The amount of artwork you unlock (by maxing out relationships) is drastically reduced and all of them are very similar post-action scenes, which is kinda boring once you’ve seen 2-3 of them. The erotic “bonus rounds” themselves also play out right after the date itself and no longer feature nudity either, whereas before the girls lost clothing as you Bejeweled them silly. Now you barely get to see anything of some of these characters, even though their designs are better than ever before.

Not only is the bulk of the game very short, but it then also concludes one of the most obnoxious boss battles I have played in a long time.
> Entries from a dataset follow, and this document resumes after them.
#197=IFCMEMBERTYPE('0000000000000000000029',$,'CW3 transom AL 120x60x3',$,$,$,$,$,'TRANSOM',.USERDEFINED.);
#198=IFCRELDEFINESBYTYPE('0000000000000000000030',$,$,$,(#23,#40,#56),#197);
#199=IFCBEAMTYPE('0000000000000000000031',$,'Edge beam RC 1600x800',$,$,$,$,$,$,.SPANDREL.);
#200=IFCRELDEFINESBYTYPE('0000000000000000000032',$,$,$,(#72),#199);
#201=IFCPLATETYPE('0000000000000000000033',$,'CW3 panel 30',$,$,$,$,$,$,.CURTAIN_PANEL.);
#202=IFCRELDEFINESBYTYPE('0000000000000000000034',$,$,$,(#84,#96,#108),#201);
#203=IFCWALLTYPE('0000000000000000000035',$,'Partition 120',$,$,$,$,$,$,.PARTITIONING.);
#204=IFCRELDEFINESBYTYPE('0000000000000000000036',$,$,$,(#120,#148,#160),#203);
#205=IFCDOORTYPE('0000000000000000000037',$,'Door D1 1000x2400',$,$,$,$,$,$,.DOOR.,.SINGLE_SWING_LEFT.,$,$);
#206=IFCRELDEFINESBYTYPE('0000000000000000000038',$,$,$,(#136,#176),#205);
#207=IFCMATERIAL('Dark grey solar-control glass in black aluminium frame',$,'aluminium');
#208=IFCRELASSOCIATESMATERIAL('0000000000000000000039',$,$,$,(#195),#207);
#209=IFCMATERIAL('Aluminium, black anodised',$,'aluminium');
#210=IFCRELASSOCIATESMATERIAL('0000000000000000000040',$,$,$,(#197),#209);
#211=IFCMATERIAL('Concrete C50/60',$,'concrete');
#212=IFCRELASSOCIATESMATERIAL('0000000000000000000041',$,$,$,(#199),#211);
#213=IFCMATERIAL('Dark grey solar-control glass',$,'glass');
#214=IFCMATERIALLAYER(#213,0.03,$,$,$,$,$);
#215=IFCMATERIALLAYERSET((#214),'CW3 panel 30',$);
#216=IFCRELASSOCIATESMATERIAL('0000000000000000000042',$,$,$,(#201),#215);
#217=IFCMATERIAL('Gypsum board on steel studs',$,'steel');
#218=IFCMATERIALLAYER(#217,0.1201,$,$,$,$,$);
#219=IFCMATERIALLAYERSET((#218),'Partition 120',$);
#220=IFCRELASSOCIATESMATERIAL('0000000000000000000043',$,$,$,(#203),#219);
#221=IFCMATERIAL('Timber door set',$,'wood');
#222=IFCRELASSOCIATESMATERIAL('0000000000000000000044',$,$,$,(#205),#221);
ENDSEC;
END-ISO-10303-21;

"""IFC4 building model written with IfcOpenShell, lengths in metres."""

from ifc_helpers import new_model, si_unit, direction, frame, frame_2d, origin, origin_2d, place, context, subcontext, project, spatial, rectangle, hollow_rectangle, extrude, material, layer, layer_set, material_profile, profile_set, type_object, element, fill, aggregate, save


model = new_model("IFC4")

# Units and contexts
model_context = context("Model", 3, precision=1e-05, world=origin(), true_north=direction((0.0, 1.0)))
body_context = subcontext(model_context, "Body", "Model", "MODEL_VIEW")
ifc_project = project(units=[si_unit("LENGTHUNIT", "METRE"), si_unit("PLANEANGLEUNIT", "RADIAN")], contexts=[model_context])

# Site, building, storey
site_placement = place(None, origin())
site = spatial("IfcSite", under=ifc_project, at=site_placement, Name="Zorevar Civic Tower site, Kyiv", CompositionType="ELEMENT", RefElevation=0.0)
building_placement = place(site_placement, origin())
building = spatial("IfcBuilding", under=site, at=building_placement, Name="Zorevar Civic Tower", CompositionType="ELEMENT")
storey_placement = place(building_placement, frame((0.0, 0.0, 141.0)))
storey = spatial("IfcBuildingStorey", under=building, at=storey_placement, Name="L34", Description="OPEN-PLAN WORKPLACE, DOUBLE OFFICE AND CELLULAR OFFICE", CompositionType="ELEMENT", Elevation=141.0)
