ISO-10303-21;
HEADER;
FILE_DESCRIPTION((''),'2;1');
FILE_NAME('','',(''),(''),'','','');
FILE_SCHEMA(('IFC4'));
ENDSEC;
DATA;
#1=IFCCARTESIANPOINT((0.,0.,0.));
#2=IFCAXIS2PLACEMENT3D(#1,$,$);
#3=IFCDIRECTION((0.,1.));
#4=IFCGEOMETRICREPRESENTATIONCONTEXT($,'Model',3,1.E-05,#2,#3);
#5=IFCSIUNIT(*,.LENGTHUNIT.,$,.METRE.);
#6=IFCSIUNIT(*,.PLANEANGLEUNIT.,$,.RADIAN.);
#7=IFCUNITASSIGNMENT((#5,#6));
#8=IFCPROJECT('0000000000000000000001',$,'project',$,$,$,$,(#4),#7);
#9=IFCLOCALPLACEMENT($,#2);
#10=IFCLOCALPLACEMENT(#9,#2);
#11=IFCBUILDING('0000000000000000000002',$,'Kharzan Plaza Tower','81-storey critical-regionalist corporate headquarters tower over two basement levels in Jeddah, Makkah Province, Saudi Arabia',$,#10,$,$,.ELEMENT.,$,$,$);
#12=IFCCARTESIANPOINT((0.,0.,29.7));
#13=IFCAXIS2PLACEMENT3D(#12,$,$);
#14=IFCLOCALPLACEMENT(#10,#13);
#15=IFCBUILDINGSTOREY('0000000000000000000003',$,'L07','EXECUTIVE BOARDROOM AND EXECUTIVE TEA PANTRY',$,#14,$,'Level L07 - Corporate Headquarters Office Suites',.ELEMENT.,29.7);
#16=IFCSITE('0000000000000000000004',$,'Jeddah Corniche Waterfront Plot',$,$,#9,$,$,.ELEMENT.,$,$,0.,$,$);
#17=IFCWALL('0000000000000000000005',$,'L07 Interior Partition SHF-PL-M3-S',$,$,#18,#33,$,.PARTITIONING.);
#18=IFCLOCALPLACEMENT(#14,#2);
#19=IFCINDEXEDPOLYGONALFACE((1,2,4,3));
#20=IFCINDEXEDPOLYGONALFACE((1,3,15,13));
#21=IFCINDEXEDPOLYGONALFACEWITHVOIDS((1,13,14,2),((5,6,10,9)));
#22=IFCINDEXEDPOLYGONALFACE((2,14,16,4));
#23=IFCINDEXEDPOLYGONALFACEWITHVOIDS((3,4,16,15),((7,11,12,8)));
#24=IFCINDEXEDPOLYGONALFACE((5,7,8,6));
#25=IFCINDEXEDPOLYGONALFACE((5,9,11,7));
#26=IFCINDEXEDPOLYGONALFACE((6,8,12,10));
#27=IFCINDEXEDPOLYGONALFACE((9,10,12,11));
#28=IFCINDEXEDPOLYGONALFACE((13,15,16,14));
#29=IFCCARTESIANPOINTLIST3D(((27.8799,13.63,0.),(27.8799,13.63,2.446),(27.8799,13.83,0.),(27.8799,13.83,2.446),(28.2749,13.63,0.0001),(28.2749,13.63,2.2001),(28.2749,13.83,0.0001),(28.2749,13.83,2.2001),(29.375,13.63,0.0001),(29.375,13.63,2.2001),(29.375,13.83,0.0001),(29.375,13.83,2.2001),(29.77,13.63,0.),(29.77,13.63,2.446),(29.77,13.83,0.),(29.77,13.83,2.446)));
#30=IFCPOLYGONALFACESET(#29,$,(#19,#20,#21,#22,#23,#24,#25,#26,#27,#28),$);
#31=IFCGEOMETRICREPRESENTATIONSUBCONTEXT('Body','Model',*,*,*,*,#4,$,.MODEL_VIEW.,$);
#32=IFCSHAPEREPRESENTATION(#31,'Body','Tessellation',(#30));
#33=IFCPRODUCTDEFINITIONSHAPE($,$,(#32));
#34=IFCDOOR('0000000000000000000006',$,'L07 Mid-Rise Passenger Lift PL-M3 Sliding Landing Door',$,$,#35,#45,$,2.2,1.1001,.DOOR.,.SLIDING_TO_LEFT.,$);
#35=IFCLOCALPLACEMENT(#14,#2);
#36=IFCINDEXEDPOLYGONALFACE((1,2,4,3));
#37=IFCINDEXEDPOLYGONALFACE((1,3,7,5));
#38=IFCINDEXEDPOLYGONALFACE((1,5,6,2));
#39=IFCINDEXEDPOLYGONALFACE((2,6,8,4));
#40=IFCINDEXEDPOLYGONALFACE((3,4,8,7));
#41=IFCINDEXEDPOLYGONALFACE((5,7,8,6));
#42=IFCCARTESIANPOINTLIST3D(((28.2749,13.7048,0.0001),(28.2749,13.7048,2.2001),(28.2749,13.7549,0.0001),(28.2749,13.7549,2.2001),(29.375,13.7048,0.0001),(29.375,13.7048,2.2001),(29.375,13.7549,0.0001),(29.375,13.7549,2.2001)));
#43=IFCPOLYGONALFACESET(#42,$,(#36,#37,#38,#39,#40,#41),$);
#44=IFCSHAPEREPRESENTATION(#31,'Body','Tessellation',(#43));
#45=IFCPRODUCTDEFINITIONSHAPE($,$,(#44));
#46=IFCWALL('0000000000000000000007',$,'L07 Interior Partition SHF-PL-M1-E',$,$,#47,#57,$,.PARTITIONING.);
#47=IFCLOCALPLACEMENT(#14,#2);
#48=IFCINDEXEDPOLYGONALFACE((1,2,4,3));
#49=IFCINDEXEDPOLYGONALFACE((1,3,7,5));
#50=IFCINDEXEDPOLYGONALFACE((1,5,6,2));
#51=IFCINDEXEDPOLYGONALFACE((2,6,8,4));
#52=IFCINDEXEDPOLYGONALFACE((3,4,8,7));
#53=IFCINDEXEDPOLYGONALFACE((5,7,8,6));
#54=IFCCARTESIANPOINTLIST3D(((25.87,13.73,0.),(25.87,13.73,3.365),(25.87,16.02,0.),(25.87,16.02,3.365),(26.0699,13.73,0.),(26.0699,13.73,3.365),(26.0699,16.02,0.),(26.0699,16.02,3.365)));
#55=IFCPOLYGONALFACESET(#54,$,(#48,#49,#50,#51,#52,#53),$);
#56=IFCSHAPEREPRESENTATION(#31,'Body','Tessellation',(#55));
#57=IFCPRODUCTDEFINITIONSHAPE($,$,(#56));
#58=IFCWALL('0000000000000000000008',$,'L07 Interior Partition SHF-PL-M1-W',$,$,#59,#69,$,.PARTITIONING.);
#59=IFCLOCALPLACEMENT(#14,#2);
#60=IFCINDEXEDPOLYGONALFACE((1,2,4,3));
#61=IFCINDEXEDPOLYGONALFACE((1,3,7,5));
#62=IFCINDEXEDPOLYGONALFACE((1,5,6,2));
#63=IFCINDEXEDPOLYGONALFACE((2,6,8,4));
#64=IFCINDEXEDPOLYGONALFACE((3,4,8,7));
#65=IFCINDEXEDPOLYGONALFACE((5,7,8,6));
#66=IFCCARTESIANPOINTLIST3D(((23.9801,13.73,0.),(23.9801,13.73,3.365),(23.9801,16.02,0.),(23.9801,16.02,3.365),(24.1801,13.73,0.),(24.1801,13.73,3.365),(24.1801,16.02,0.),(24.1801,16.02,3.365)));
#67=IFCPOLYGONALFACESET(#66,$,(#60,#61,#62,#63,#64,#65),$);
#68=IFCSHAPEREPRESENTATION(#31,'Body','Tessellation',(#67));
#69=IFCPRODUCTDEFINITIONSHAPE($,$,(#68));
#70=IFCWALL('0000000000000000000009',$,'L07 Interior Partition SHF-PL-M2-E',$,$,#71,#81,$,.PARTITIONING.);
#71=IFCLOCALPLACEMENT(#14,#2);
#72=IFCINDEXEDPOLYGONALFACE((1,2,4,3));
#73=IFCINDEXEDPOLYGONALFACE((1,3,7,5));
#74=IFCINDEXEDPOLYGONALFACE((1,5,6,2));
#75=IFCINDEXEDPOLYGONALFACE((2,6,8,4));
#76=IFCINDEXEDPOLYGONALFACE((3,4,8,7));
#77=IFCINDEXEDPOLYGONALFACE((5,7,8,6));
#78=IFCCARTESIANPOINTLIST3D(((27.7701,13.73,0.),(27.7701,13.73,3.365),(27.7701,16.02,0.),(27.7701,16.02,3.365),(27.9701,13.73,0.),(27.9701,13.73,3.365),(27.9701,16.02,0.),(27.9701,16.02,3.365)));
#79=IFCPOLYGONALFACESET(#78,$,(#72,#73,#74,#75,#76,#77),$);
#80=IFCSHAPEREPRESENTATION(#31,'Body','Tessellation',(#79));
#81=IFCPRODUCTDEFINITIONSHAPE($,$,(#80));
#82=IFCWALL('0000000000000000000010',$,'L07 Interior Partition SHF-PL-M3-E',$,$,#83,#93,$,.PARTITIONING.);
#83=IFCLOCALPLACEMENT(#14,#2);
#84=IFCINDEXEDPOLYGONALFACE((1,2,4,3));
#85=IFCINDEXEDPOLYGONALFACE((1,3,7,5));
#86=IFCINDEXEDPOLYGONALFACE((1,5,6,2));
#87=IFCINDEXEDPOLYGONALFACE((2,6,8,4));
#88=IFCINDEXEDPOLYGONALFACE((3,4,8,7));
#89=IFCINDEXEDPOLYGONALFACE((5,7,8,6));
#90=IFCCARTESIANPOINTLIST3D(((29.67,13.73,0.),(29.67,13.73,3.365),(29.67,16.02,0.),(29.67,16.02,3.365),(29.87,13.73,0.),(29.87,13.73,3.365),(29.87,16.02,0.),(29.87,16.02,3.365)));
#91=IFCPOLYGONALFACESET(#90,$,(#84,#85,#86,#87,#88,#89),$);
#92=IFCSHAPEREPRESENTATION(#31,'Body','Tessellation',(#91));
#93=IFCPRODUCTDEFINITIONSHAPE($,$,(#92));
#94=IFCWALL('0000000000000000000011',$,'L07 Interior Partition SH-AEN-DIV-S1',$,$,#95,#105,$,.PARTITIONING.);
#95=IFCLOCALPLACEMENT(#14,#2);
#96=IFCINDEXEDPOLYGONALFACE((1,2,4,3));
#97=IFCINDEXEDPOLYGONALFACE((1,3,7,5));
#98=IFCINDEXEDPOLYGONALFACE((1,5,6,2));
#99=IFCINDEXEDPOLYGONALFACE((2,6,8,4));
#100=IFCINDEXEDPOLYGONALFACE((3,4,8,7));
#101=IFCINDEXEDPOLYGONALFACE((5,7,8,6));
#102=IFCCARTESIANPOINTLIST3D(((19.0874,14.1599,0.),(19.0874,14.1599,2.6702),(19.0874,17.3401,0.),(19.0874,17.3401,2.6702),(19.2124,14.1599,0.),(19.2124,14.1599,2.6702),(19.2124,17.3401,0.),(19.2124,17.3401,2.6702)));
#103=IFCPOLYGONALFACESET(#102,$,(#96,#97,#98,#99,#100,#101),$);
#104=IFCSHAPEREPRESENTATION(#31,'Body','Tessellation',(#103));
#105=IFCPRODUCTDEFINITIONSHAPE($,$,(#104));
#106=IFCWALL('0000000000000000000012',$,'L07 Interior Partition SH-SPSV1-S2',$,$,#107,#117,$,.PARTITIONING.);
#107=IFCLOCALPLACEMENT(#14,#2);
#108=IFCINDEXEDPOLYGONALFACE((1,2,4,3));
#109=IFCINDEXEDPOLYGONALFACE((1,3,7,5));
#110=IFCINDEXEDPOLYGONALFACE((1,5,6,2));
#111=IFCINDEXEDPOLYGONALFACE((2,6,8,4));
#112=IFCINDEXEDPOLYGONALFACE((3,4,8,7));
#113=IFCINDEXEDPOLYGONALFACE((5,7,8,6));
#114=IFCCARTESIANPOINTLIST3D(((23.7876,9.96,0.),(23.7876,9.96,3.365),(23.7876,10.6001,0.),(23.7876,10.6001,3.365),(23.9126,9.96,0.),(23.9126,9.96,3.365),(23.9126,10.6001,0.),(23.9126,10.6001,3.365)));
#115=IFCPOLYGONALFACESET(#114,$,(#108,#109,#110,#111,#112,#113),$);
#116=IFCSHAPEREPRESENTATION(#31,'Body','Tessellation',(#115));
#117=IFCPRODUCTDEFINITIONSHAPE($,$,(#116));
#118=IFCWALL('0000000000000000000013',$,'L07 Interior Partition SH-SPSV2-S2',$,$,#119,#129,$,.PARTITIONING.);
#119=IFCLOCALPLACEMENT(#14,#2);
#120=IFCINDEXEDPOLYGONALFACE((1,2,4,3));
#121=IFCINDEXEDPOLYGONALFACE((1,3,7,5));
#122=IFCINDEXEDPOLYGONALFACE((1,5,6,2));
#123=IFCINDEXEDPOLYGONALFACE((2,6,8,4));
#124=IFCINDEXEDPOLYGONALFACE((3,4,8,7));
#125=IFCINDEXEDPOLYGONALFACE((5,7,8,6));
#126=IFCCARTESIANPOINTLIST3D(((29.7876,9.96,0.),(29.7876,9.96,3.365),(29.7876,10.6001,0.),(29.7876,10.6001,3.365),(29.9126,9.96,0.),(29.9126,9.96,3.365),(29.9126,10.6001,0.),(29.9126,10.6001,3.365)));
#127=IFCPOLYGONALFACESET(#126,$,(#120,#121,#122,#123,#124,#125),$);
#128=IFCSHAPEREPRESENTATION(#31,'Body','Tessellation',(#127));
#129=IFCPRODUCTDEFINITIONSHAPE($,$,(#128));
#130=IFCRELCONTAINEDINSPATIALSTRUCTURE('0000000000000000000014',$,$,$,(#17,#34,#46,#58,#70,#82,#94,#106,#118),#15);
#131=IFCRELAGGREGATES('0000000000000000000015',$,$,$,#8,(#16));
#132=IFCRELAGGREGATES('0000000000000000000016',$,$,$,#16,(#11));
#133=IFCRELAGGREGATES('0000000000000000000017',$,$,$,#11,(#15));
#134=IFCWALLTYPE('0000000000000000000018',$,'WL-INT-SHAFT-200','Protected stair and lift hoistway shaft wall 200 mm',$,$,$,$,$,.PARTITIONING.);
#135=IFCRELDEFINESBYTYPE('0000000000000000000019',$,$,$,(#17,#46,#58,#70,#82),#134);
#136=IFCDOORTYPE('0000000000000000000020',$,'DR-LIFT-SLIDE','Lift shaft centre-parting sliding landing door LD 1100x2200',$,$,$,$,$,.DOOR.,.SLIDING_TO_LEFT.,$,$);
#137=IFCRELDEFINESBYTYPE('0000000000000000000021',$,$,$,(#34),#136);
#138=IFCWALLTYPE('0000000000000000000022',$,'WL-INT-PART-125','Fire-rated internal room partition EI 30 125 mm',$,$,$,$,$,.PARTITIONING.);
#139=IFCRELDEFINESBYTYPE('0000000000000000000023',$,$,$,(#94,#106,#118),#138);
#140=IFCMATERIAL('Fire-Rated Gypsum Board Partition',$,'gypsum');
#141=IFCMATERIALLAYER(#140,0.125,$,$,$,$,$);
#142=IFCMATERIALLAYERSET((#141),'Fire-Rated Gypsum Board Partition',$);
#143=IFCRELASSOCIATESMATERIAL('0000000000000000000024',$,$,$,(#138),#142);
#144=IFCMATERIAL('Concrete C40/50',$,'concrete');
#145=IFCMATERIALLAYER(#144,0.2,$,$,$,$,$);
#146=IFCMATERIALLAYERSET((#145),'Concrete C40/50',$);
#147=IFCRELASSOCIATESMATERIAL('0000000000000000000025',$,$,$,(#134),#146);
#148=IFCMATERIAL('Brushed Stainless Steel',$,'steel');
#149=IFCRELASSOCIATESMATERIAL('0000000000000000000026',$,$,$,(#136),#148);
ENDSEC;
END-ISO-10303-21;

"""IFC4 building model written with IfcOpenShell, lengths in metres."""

from ifc_helpers import new_model, si_unit, direction, frame, frame_2d, origin, place, context, subcontext, project, spatial, rectangle, extrude, source, transform, mapped, material, layer, layer_set, type_object, element, fill, save


model = new_model("IFC4")

# Units and contexts
model_context = context("Model", 3, precision=1e-05, world=origin(), true_north=direction((0.0, 1.0)))
body_context = subcontext(model_context, "Body", "Model", "MODEL_VIEW")
ifc_project = project(units=[si_unit("LENGTHUNIT", "METRE"), si_unit("PLANEANGLEUNIT", "RADIAN")], contexts=[model_context])

# Site, building, storey
site_placement = place(None, origin())
site = spatial("IfcSite", under=ifc_project, at=site_placement, Name="Jeddah Corniche Waterfront Plot", CompositionType="ELEMENT", RefElevation=0.0)
building_placement = place(site_placement, origin())
building = spatial("IfcBuilding", under=site, at=building_placement, Name="Kharzan Plaza Tower", Description="81-storey critical-regionalist corporate headquarters tower over two basement levels in Jeddah, Makkah Province, Saudi Arabia", CompositionType="ELEMENT")
storey_placement = place(building_placement, frame((0.0, 0.0, 29.7)))
storey = spatial("IfcBuildingStorey", under=building, at=storey_placement, Name="L07", Description="EXECUTIVE BOARDROOM AND EXECUTIVE TEA PANTRY", LongName="Level L07 - Corporate Headquarters Office Suites", CompositionType="ELEMENT", Elevation=29.7)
It’s such a leap in difficulty and blatantly pads out the otherwise thin runtime by making it incredibly round-about to prepare for the encounter. Combined with the repetitive dialogue each time you lose and retry, this left me with a bad aftertaste when I finally completed HuniePop 2.

Its gameplay is a nice innovation on the original, but the characters this time around were off-putting for various reasons, the game was significantly shorter, the artwork was kinda boring, and the difficulty leap at the very end was not appreciated at all. I constantly found myself wishing I was playing the first HuniePop instead, even though I had to admit the uniqueness of the characters made this sequel appealing in its own way. I just wish that appeal was better utilized.